Hey hey hey my muddy colorers! Hope you all had a happy 4th of july and celebrated America with minimal powder burns.
Now that summer is here, and everything is in full bloom, I figured there’d be no better time to sit down and paint a cold ass winter scene. I took this in our backyard last winter. We’re situated close to the water here, but still get snow at least once a year usually. Couldn’t remember the last time I tried to paint snow, and this shot stuck out to me because I liked the composition and it had a few elements that I thought would be fun to tackle.
Before starting, I did a quick rough exploring palette and general mark making strategy. This was all wet in wet and done quite quickly, but I wanted to at least test out my color formulas and a basic approach to painting snowy trees. This was a really helpful exercise that gave me the confidence to move forward on the actual scene.
I start these pretty simply, loosely sketching the main shapes onto the panel with a 4h pencil. I use a large grid to keep me centered and things proportional. I’m not slavish about it but just kind of aim for the big stuff, since im just gonna cover it with paint anyway.
I used a mix of payne’s gray and olive green for my underpainting. I usually just use olive green, but wanted to cool it off some for this one. it usually takes weeks for once of these today, but for some reason, mixing payne’s gray into it, it only took like 3 days this time. Super unusual, but hey I’m not complaining. part of that weird paint alchemy thing thats really cool when it works in your favor.
I use hog’s hair bristle brushes to push and scratch into the paint quite a bit. It’s all about mark making at this stage, and my aim is to simplify and find fun ways to interpret the reference. I’ll use lots of beat up old brushes, rollers, scrapers, brush handles, anything to get effects that can best help describe the source imagery. I was using a dip pen to scratch twigs back into the shadows, and ended up loading it with diluted paint to draw a lot of the small blades of grass penetrating the surface of the snow in the foreground. I hadn’t ever used oil paint as ink. It worked really well! And in fact, I’m gonna try it again when I revisit that area.
I try to approach these nature scenes similarly to how I’d approach painting a portrait from reference, where I’m shooting for likeness, but will take liberties and abbreviate where I think it helps to make a better picture.
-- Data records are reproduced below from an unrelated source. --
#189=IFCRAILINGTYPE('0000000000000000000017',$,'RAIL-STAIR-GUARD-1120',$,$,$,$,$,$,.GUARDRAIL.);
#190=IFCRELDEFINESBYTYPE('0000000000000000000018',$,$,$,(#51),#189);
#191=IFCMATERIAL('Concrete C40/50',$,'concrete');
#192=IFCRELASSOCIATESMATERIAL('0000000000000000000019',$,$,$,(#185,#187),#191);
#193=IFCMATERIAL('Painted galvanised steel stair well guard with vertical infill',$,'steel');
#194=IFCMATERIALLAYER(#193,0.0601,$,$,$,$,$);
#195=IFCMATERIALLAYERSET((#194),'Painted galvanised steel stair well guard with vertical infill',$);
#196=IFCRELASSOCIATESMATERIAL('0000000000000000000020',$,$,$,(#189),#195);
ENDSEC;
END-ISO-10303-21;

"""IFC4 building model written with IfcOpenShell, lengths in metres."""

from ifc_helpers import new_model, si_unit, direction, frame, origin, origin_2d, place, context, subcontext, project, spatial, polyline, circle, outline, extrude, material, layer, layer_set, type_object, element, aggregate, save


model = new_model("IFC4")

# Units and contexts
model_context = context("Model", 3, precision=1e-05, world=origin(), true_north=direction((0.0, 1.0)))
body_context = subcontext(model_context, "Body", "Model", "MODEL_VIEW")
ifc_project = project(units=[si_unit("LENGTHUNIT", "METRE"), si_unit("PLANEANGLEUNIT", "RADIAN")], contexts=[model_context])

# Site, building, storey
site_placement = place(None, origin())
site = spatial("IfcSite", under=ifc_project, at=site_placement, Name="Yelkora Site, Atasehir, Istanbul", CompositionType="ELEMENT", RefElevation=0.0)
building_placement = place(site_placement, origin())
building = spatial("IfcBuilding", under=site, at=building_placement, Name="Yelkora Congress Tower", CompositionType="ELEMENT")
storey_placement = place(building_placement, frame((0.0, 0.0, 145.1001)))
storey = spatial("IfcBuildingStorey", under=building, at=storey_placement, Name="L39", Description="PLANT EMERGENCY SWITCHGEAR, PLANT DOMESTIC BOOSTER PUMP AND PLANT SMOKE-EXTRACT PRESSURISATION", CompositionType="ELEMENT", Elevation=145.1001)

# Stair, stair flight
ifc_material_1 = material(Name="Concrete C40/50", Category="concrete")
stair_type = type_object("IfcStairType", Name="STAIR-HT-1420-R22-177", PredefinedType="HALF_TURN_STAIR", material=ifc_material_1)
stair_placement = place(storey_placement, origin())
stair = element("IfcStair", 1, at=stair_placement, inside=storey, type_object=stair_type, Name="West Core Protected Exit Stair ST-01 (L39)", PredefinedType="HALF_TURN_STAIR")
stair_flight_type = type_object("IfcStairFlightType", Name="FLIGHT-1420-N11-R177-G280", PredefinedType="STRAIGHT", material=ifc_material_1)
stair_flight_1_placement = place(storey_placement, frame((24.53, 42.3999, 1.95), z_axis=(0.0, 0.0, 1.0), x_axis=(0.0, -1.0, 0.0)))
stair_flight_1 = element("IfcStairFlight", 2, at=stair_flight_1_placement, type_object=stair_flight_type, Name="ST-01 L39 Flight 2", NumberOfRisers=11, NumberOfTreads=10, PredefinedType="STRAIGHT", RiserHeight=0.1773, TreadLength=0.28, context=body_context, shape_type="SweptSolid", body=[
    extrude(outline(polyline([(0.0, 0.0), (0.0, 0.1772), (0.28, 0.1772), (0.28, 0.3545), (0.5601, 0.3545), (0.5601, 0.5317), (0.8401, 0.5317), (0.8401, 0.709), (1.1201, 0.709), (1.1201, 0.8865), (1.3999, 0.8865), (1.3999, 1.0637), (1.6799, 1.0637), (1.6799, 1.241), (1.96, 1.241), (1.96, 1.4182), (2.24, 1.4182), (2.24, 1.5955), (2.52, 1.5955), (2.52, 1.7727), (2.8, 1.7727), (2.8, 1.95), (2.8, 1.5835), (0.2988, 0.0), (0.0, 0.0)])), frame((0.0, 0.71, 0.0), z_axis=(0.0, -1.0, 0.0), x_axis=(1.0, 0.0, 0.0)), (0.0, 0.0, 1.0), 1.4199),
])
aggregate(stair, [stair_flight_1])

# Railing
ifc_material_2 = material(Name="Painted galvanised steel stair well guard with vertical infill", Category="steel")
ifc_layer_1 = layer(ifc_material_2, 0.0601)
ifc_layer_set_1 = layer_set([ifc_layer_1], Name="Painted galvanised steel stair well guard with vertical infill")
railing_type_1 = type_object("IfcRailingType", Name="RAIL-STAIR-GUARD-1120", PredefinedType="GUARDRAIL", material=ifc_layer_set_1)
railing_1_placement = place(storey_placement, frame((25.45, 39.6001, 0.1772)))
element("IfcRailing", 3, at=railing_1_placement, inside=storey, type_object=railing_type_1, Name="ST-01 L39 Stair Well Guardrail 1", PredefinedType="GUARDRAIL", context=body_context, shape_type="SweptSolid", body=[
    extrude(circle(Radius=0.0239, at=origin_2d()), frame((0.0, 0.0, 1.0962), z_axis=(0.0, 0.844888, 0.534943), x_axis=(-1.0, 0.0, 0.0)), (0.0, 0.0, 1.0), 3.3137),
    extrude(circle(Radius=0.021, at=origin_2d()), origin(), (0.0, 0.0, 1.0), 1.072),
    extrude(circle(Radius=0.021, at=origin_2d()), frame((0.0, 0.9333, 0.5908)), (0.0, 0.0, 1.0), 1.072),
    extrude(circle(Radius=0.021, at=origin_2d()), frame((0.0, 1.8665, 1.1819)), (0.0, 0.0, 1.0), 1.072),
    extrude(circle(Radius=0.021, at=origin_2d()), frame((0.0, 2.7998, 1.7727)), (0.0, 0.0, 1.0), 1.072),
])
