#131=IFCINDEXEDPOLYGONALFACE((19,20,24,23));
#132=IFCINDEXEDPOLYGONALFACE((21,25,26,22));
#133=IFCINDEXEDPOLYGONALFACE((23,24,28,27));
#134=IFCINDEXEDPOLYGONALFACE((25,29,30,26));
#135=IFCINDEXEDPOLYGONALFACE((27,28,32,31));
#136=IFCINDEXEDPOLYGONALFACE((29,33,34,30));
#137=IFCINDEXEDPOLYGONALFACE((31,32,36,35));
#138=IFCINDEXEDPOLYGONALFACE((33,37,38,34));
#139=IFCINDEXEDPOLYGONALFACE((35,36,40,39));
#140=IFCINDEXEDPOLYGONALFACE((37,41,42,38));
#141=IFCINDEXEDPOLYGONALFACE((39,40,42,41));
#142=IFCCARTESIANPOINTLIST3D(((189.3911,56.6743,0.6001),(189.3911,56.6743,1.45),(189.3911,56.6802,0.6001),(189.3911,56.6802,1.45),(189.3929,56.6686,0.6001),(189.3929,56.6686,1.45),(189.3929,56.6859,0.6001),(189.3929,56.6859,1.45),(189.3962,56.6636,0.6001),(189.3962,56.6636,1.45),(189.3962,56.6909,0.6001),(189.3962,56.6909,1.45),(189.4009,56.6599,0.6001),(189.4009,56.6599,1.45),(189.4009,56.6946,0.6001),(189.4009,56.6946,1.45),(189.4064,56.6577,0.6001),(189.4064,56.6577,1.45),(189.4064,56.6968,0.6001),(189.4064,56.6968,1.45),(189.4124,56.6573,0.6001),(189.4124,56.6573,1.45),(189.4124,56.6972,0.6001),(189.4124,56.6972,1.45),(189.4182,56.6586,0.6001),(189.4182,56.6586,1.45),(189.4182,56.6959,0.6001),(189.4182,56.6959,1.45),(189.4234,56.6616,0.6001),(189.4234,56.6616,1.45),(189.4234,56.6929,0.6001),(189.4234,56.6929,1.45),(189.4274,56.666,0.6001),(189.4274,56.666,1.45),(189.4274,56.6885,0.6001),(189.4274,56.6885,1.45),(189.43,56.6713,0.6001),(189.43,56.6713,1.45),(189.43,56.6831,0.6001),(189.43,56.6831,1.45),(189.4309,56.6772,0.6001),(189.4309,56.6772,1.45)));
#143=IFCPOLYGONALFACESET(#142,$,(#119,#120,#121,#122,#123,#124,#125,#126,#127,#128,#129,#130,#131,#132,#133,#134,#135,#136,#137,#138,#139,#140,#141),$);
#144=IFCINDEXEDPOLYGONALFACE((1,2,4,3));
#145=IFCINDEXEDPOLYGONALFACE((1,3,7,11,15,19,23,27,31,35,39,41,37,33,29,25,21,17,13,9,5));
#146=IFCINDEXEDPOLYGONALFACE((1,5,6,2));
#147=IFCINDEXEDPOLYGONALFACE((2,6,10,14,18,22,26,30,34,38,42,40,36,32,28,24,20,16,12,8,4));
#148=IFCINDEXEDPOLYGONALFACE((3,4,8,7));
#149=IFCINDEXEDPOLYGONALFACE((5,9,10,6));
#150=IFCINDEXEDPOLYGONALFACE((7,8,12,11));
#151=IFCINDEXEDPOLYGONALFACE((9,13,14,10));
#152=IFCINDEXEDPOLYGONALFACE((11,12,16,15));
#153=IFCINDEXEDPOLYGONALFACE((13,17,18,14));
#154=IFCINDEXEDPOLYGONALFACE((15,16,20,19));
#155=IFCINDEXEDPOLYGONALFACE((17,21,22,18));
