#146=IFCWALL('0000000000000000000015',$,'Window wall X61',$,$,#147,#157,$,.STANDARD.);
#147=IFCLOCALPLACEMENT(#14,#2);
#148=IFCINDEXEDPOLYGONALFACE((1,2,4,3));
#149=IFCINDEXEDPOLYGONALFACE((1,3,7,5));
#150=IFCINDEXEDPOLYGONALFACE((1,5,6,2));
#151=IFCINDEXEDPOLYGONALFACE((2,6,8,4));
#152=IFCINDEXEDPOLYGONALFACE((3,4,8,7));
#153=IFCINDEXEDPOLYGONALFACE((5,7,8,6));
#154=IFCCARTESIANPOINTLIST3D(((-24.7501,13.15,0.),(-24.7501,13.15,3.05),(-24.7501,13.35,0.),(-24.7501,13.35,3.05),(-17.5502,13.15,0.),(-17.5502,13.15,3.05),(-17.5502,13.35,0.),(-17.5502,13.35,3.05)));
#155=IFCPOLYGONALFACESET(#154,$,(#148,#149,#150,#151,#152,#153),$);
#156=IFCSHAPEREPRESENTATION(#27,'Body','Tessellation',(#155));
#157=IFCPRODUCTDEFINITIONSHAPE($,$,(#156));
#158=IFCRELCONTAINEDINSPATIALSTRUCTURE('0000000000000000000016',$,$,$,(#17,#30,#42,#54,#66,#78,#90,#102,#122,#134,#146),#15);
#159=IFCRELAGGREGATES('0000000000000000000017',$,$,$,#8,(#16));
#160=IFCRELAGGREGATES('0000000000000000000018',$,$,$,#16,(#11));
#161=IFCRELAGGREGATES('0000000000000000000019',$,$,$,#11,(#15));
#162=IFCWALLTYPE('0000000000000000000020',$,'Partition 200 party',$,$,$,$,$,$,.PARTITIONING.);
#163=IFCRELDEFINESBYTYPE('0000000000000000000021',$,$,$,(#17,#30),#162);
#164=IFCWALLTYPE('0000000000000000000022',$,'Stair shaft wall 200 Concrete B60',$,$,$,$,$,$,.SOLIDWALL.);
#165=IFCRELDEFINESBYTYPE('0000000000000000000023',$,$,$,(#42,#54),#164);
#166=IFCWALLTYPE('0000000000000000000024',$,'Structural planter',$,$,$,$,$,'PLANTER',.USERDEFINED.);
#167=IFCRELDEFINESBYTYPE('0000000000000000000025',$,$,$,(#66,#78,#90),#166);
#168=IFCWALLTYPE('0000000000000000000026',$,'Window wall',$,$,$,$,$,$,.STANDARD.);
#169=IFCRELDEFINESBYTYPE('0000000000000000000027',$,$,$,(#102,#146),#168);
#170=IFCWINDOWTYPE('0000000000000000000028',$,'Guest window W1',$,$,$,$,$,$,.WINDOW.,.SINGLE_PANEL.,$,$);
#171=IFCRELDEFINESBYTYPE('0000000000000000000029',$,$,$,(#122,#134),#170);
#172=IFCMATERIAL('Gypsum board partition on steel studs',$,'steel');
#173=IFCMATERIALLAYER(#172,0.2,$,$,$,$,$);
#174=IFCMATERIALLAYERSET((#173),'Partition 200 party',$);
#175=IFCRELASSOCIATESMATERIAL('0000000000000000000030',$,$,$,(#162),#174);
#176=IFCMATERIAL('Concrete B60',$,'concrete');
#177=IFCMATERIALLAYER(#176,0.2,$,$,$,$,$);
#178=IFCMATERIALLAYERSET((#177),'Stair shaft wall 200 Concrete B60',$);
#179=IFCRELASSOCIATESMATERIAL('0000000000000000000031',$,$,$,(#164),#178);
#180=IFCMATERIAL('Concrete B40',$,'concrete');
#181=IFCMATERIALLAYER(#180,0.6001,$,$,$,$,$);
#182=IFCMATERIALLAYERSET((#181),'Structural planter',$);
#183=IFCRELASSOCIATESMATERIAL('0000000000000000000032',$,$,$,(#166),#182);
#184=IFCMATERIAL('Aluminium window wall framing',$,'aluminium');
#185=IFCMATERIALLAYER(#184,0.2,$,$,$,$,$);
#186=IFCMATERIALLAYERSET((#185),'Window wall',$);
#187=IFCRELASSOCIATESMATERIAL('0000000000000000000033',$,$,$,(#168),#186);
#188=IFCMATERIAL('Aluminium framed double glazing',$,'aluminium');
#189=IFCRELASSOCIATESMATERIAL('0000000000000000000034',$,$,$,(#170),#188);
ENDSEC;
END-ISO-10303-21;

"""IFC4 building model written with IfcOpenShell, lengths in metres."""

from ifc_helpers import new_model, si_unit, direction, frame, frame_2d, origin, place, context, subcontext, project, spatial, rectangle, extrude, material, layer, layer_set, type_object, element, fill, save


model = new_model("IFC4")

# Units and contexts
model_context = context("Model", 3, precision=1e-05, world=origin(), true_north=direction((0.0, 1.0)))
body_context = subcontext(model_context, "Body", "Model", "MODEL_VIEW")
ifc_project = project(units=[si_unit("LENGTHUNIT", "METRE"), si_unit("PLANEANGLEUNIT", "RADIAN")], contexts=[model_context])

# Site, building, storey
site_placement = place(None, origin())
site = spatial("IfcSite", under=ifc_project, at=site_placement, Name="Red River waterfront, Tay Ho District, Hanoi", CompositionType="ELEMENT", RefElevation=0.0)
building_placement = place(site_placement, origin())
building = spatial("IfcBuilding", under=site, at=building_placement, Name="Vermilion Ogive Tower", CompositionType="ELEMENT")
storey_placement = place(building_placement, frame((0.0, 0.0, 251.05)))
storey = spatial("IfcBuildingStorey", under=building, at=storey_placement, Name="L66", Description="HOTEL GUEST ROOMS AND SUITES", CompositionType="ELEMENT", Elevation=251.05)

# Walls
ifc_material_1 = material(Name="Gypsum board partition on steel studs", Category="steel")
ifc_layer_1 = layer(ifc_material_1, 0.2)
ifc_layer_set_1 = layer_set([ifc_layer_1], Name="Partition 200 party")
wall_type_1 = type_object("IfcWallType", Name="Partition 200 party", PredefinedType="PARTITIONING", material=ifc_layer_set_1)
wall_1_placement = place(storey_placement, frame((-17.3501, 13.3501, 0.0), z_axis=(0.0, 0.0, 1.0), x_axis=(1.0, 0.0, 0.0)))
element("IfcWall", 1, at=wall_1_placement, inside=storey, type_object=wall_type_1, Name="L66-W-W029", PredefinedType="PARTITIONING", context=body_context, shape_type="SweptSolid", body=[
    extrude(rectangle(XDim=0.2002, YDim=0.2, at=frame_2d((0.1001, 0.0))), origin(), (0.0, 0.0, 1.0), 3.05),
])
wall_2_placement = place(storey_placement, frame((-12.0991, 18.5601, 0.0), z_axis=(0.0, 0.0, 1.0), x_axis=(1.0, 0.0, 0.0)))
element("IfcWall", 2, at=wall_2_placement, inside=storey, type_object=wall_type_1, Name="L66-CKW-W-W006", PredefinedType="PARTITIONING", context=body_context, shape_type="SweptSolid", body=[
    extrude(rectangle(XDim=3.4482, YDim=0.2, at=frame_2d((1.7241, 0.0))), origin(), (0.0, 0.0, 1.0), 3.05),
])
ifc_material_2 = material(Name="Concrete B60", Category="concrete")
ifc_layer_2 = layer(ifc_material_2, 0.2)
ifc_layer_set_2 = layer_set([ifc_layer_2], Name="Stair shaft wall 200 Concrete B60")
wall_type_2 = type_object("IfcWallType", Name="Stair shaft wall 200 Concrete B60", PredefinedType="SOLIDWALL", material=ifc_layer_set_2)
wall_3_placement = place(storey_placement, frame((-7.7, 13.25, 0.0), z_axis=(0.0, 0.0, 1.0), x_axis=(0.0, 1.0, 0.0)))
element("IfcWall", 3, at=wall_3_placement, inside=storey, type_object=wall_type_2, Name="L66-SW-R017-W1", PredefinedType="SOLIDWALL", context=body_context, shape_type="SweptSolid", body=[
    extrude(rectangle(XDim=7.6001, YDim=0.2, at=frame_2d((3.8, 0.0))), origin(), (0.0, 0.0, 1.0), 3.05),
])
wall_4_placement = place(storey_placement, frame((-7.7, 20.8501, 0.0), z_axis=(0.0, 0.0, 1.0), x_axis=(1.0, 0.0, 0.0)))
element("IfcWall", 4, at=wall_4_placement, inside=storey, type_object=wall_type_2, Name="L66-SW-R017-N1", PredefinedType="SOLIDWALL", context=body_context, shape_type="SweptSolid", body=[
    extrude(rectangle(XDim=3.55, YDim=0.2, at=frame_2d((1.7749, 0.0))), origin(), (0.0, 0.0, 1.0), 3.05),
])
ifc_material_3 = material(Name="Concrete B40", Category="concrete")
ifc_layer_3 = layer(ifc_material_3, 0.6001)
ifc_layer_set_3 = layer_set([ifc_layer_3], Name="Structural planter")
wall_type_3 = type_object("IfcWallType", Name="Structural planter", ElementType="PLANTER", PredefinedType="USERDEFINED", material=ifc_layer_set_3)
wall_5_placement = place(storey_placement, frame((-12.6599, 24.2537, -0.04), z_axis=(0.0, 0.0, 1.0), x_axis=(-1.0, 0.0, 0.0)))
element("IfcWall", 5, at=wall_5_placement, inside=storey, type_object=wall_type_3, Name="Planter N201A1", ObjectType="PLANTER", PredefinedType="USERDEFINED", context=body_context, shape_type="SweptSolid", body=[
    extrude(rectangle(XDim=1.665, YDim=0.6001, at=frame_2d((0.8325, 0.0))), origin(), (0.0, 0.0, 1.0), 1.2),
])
This underpainting step is totally the most important part of the process, as it locks everything in for all subsequent layers, and I also let a lot of it show through in the final…wherever I can get away with it.
Once it’s dry to the touch, it’s time to go in and glaze some color into it. Here’s a video I took of the glazing process. I use a mixture of alkyd, odorless spirits and a touch fo linseed oil and apply it thinly with soft brushes. This is a very satisfying step where it really starts to come together. I try not to get too detailed rather just aim for local colors. Less is more. Also, it’s better to apply three thin coats with very little paint than one heavy coat that smothers the details. I got this one pretty close with one pass, but sometimes I’ll do two sittings. whatever works :D…
The glaze dries usually in about 24 hours, and once it’s at least tacky I start in with opaque paint. Adjusting, embellishing, and redrawing, I’ll really start laying thicker impasto style paint in this stage, always paying close attention to the values. Colors can skew and drift a little, but the values need to be as close as possible to help sell the illusion of realism. Here’s where it’s currently at:
I feel like I always have a painting at around 75% when its my time to do one of these posts. I should plan better. I’ll post the final next month (hopefully :))
Also painted this portrait of my younger son, Milton a couple weeks ago. Started it pretty directly, painting it wet in wet over the course of a couple of days. Tried to be a bit more intentional in terms of my stroke direction to help describe volumes, and also because I planned to do a bunch of glazing and didn’t want to have to fight with weird brush marks down the road.
Once dry, I applied a light wash of unbleached titanium white across the whole thing to even the values out a bit more. Kind of scary, but ended up being happy with the result. It put some “air” in those shadows and brought out a bunch of detail on the hair.
Once dry, and After some further opaque repainting and adjusting here and there, I applied a thin glaze of olive green mixed with a touch of payne’s gray to harmonize things a bit more. It can look kind of crazy when you first lay a glaze on, but don’t freak out! It will thin out and soften some as it sets.
This glaze left it a bit dark and dead looking,
so I washed the whole thing with s very light wash of cadmium red scarlet. This helped a ton to breathe some life back into him.
After a bit more adjusting and detailing, I called it done. This was a fun one and the approach gave me some new ideas I want to attempt on more ambitious future efforts.